Он не проронил больше ни слова, а я побоялась расспрашивать Кира в его версии «изморозь в глазах». Паззл складывался очень медленно.

Смыв грим, я пошла в кают-компанию. Демидов ждал меня у голоэкрана. Мы надели обручи для ментальной проекции и продолжили игру. На далекой планете из секретной лаборатории вырвались на свободу толпы зомби – храбрые сталкеры отстреливают ходячих мертвецов, шныряющих по катакомбам. Старо как мир.

– Скучно, – пожаловалась я, снимая обруч.

– Я знал, что однажды ты это скажешь, – Кир подмигнул мне, доставая что-то из кармана. – Локации пришлось создать заранее, столько подробностей человеческий мозг удержать сразу не может, а персонажи – это уже дело воображения. Предлагаю не выпендриваться и выступать в собственном обличии.

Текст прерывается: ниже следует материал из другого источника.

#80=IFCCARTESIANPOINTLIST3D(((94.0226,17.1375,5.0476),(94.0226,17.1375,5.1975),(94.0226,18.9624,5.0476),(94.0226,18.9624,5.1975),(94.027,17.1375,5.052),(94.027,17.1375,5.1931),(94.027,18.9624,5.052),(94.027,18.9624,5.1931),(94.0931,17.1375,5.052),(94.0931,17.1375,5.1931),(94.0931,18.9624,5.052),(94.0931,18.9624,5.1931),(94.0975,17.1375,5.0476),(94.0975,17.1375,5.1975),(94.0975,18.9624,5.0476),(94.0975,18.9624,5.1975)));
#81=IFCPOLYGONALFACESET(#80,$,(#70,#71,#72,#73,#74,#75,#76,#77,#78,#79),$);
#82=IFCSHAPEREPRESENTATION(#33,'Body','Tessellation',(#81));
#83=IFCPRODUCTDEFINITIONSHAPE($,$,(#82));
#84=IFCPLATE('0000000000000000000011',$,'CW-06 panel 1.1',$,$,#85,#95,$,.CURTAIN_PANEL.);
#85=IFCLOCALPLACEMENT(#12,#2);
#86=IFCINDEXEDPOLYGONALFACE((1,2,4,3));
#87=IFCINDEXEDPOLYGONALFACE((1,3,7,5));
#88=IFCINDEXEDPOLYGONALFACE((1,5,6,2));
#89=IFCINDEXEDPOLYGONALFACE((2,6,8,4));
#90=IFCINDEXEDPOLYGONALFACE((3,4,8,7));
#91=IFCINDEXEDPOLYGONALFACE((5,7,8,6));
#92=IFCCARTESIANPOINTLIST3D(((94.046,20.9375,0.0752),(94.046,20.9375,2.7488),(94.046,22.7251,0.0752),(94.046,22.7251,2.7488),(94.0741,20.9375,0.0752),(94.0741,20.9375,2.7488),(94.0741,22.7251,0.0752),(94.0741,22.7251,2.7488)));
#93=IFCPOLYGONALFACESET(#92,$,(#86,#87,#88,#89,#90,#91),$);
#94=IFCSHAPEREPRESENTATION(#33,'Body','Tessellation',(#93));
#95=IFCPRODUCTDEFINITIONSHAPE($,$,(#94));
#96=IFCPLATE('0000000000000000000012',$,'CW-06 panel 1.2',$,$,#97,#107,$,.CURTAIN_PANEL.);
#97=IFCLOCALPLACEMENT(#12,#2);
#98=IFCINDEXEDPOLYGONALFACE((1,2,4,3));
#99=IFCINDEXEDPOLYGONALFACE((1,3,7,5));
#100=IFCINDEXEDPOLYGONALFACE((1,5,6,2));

Он подсоединил к приставке ментальный проектор. Еще одна супердорогая разработка «Сайклон Серендипити», позволяющая подключать к игре свои умственные проекции. Интересно, нас ищут? Не нас, конечно, а Кира. Наследник корпорации – это вам не глупая девочка Саманта, сбежавшая из-под венца. Мама, наверное, будет плакать, когда я не позвоню ей на Рождество.

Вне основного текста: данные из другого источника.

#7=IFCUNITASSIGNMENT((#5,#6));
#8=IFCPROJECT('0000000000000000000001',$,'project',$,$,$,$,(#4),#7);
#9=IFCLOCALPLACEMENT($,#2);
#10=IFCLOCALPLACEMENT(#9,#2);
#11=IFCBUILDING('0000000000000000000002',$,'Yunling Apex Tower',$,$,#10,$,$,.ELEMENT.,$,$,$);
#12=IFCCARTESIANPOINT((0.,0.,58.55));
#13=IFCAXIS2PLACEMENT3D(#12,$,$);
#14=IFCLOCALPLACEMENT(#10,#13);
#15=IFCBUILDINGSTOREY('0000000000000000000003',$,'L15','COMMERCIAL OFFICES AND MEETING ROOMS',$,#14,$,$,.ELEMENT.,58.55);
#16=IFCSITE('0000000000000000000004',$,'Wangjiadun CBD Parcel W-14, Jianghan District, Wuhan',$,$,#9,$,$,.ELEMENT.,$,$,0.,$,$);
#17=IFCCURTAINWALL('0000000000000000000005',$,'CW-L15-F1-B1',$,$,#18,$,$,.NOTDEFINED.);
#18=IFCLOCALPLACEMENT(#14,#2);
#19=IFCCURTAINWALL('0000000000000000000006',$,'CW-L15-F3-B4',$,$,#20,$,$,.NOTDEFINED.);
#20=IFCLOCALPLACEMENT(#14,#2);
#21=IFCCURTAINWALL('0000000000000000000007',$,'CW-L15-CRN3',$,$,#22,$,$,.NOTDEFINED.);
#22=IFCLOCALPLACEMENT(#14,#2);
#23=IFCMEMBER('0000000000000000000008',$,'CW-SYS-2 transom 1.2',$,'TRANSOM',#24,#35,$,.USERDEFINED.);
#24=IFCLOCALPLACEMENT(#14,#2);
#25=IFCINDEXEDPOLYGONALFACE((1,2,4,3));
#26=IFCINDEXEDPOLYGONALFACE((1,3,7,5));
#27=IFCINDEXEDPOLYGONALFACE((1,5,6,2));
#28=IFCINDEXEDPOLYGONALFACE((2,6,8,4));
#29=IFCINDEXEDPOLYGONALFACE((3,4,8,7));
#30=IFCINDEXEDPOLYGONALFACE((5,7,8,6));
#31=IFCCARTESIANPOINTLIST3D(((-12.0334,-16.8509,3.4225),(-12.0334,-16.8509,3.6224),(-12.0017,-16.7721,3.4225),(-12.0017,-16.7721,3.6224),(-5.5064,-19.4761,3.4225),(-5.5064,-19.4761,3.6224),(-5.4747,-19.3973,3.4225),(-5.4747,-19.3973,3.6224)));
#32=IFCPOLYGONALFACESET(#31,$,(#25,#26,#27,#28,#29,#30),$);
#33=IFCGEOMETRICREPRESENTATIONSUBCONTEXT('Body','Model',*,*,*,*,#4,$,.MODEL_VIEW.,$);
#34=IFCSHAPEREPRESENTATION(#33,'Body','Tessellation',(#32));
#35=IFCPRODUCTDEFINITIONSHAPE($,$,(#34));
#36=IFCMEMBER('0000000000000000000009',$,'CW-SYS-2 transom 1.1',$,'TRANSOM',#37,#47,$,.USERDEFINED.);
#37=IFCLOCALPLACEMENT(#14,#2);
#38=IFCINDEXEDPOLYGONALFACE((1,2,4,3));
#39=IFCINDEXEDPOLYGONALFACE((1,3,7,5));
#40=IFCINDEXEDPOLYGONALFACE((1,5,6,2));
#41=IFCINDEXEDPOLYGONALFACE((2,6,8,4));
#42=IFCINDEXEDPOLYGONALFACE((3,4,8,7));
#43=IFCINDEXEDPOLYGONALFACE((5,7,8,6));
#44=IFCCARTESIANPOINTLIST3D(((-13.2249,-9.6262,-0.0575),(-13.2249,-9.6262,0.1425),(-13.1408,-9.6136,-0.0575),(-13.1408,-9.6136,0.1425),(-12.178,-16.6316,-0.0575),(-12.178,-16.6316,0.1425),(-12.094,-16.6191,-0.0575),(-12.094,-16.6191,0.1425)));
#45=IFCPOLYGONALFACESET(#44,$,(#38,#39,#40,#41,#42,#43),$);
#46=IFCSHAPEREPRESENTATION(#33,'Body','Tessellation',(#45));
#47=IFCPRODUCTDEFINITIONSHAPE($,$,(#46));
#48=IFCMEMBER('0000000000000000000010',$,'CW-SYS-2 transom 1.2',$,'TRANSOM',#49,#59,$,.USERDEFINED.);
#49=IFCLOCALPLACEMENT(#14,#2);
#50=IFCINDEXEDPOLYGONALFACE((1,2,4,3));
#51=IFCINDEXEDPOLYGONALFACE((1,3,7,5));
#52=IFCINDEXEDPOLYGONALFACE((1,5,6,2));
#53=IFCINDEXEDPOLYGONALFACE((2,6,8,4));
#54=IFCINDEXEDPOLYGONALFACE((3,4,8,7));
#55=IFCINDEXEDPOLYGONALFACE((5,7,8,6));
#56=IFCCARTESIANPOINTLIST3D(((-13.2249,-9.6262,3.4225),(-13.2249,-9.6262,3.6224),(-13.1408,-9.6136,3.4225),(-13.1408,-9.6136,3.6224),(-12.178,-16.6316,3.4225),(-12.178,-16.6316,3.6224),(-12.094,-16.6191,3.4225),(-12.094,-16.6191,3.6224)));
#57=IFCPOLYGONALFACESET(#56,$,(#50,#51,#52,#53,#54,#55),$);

– Что?! – завопила я, сбрасывая обруч. – Это ты так меня видишь?

На экране, в меню «выбор персонажей», мельтешил щуплый субъект, напоминающий меня только прической.

– Я не такой субтильный!

– Не нравится? – Кир поднял бровь и вкрадчиво поинтересовался: – А так?

У субъекта выросли грудь и попа. Его начало заваливать то вперед, то назад – программа реагировала на изменение габаритов.

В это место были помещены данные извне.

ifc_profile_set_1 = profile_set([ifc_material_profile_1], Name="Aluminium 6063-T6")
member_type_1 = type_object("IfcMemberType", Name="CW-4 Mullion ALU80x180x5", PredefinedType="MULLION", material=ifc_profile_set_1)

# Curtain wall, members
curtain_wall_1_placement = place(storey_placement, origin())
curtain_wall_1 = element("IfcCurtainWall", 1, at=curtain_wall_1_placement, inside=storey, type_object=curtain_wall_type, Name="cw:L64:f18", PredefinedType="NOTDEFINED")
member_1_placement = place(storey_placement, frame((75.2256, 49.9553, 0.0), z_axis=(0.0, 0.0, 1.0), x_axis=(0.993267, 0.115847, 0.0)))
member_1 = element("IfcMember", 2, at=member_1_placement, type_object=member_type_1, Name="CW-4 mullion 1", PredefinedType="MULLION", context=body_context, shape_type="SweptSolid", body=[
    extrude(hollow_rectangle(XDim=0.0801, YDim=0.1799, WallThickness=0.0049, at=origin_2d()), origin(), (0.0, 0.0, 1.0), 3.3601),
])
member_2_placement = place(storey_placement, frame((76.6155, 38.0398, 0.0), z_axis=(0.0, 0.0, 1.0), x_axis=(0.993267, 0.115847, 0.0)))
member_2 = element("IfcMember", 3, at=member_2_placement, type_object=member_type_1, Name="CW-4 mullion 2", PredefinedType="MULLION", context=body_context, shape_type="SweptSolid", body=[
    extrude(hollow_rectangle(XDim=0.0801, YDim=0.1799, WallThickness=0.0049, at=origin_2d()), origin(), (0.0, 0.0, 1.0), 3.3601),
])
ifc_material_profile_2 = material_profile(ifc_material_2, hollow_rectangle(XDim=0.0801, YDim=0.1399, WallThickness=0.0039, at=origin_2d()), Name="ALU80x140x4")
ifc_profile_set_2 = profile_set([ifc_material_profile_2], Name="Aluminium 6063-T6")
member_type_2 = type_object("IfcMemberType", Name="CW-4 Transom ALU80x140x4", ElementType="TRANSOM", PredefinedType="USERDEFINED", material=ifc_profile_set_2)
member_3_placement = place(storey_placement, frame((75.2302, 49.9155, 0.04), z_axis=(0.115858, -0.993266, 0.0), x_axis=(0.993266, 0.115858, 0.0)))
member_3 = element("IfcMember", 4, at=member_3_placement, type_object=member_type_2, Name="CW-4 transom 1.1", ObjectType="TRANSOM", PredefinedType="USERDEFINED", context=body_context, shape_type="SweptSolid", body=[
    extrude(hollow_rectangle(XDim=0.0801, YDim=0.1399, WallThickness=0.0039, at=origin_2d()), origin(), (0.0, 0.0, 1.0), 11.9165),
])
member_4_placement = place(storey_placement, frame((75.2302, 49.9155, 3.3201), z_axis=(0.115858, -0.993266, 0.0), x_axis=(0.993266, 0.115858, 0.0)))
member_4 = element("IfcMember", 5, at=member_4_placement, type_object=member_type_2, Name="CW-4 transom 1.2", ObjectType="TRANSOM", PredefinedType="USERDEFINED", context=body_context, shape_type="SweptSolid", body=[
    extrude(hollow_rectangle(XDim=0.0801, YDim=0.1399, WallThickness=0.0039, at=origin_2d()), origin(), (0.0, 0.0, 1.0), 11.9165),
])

– Издеваешься?! Убери немедленно это безобразие!

– Зачем? А по мне очень даже ничего, – Демидов увеличил моему персонажу бюст. – Это у меня издержки вынужденного воздержания, – Кир откровенно надо мной издевался, наблюдая за моей реакцией и явно еле сдерживаясь, чтобы не захохотать. – Знаешь, что происходит с двумя самцами мышей, если их надолго запереть в замкнутом пространстве?

– Даже думать не хочу! Эй, мы только три недели в космосе! Что же будет дальше? Убери! – я попыталась сорвать с Демидова обруч.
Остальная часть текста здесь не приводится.